In the wake of revelations that the energy industry donated nearly $10 million dollars to Governor Brown and the Democratic Party since he came to office, often within days of winning favors that have slowed California's transition away from fossil fuels, is Brown trying to wash his dirty hands?
Our report, Brown’s Dirty Hands, describes Brown’s relationships to the fossil fuel industry, including his own stake in a coal project.
His personal stake in a deal to promote the burning of carbon-packed coal across the planet looks pretty awful given his public pronouncements in Paris not so long ago about “the horrors that might unfold” if we let man-made climate change destroy the planet via wildfires, diseases, and mass migrations.
Now, he’s trying to distance himself from that project backed by his friend and long-time financial supporter Paul Tagami, who won a lot of business in Oakland when Brown was mayor.
According to Brown’s Statement of Economic Interests, Brown invested between $100,000 and $1 million in Edgewater Park Plaza, which Tagami owns through real estate company California Capital and Investment Group. The group is developing part of the former Oakland Army Base and planned to lease out a new terminal to ship coal from Utah to Asian markets.
Environmentalists and local lawmakers have long opposed the idea of toxic coal dust in the East Bay damaging organs, stunting children, and causing cancer. Oakland had previously voted to ban shipping and coal handling anywhere in the city. But Brown refused to weigh in.
On Friday, in an abrupt turnaround, Brown signed a bill to block the use of state funds for any California coal-shipping terminals.

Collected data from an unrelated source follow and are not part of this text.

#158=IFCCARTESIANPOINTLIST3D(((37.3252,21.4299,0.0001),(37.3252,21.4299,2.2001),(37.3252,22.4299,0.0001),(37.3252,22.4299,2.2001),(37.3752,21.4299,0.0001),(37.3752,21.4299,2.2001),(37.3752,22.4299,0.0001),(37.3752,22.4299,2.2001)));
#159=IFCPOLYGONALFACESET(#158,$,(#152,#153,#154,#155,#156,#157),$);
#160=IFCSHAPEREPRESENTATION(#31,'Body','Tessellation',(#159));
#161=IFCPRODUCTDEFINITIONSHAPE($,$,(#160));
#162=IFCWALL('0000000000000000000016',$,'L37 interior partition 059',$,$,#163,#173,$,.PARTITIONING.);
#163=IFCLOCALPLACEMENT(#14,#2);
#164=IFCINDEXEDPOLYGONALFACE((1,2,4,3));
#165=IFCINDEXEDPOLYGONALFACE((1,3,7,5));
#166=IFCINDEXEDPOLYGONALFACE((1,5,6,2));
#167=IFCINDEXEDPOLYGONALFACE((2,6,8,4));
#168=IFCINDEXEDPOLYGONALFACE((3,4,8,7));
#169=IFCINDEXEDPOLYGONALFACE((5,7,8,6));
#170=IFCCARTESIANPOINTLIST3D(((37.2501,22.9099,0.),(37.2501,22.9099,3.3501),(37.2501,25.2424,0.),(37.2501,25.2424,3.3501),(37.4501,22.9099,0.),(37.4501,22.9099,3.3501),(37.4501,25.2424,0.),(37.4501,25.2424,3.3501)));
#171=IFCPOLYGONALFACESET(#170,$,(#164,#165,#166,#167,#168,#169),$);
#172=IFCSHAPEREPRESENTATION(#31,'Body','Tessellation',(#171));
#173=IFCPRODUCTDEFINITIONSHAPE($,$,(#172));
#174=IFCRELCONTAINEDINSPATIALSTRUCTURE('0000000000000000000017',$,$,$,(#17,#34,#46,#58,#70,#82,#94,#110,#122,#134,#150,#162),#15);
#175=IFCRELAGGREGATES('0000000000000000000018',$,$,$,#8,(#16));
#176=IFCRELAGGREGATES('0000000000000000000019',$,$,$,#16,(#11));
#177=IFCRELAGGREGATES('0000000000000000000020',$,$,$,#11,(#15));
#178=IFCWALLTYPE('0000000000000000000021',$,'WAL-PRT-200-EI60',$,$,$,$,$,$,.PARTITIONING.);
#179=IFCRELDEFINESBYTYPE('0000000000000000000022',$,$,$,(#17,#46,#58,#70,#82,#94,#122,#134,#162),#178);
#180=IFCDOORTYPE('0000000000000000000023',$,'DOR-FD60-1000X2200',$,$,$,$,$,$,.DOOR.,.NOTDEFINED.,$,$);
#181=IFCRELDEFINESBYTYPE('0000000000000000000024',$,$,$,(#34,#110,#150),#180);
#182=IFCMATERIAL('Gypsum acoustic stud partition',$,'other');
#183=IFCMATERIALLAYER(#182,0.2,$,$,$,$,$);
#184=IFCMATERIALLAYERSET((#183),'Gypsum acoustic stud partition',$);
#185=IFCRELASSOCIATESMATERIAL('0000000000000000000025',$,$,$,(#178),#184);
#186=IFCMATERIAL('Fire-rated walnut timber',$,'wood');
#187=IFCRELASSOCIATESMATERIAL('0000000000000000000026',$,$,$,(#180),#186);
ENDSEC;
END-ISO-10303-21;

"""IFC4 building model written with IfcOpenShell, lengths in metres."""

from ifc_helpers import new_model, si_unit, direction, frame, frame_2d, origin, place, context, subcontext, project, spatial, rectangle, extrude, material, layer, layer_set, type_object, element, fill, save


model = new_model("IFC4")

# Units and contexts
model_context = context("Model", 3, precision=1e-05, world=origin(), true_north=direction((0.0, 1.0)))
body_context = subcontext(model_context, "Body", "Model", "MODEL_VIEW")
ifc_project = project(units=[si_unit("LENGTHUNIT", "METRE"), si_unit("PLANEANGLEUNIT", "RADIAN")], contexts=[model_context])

Going forward with a fossil fuel-related deal that could financially benefit him against the backdrop of legislation to slash carbon emissions 40 percent below 1990 levels would only have highlighted that Brown's hands aren't clean.
In fact, our report may have spurred Brown to act on that legislation as well. Just days before our report was published, Brown sent mixed signals on whether he would move forward with SB 32, an extension of the state’s landmark 2006 climate change law with a new target of pushing emissions to 40 percent below 1990 levels by 2030.

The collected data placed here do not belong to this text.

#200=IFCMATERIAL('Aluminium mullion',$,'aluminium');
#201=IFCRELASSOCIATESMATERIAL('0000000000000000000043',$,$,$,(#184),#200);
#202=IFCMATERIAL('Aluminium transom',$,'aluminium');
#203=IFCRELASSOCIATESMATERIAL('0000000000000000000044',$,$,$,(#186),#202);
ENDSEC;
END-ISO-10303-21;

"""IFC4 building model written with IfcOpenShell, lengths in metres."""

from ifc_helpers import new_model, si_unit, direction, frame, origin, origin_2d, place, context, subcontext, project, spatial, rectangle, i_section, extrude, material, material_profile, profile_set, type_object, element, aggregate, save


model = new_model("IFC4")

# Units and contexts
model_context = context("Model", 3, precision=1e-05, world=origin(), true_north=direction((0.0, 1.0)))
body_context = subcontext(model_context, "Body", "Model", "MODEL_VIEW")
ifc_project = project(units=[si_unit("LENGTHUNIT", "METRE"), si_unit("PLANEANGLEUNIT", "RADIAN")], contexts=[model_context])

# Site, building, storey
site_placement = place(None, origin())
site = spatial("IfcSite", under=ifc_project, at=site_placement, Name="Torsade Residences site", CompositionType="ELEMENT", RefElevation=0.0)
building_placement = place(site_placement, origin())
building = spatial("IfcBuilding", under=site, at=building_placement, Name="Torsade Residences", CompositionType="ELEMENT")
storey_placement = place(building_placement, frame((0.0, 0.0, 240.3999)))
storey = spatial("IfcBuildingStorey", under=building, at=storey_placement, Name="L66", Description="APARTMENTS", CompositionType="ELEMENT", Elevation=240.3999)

The report’s appearance may have been one factor in pushing it through in the face of intense oil industry opposition against what it viewed as too “aggressive” a goal.

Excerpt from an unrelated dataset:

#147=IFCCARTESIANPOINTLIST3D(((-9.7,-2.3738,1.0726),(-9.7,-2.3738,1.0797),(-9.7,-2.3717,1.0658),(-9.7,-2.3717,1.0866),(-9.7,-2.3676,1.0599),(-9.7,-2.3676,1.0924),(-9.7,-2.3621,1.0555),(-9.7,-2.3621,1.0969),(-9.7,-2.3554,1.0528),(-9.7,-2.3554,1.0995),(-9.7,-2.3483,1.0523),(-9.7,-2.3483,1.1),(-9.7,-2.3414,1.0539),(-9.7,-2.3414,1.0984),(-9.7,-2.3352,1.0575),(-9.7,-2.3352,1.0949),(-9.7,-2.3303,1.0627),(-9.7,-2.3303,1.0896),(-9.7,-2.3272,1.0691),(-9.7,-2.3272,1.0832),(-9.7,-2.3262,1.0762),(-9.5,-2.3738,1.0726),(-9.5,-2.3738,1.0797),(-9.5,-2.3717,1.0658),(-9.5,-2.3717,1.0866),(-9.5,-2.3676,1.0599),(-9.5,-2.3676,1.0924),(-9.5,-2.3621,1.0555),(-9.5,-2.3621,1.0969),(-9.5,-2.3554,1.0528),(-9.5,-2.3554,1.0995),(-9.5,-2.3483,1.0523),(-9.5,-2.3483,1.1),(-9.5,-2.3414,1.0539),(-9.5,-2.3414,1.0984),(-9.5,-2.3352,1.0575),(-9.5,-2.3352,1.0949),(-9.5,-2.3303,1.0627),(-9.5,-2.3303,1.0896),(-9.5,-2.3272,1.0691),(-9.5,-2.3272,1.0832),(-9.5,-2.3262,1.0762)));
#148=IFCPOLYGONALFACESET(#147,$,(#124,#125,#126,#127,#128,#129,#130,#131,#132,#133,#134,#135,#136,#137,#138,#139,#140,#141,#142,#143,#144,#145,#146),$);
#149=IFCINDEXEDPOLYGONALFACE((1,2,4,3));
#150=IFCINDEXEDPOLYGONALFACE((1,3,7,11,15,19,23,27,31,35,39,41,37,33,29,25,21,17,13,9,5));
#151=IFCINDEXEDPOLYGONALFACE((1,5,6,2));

Brown sacrificed extending the state’s cap and trade program that makes companies buy allowances to pollute as it comes under legal fire from industry. But at his press conference on SB 32's passage, Brown himself said that to meet new emissions standards companies would end up begging for the lesser evil--a market-based cap and trade system over a carbon tax or tough regulations on pollution control. “They are going to get orders” from regulators, Brown said. “And they are going to plead for a market system called cap and trade so they can respond in a way that is more beneficial to the bottom line.”
The question is, whether once again powerful donors will be allowed to shape any fundamental economic restructuring to be more beneficial to the bottom line than to the public and to the communities next door to their toxic operations.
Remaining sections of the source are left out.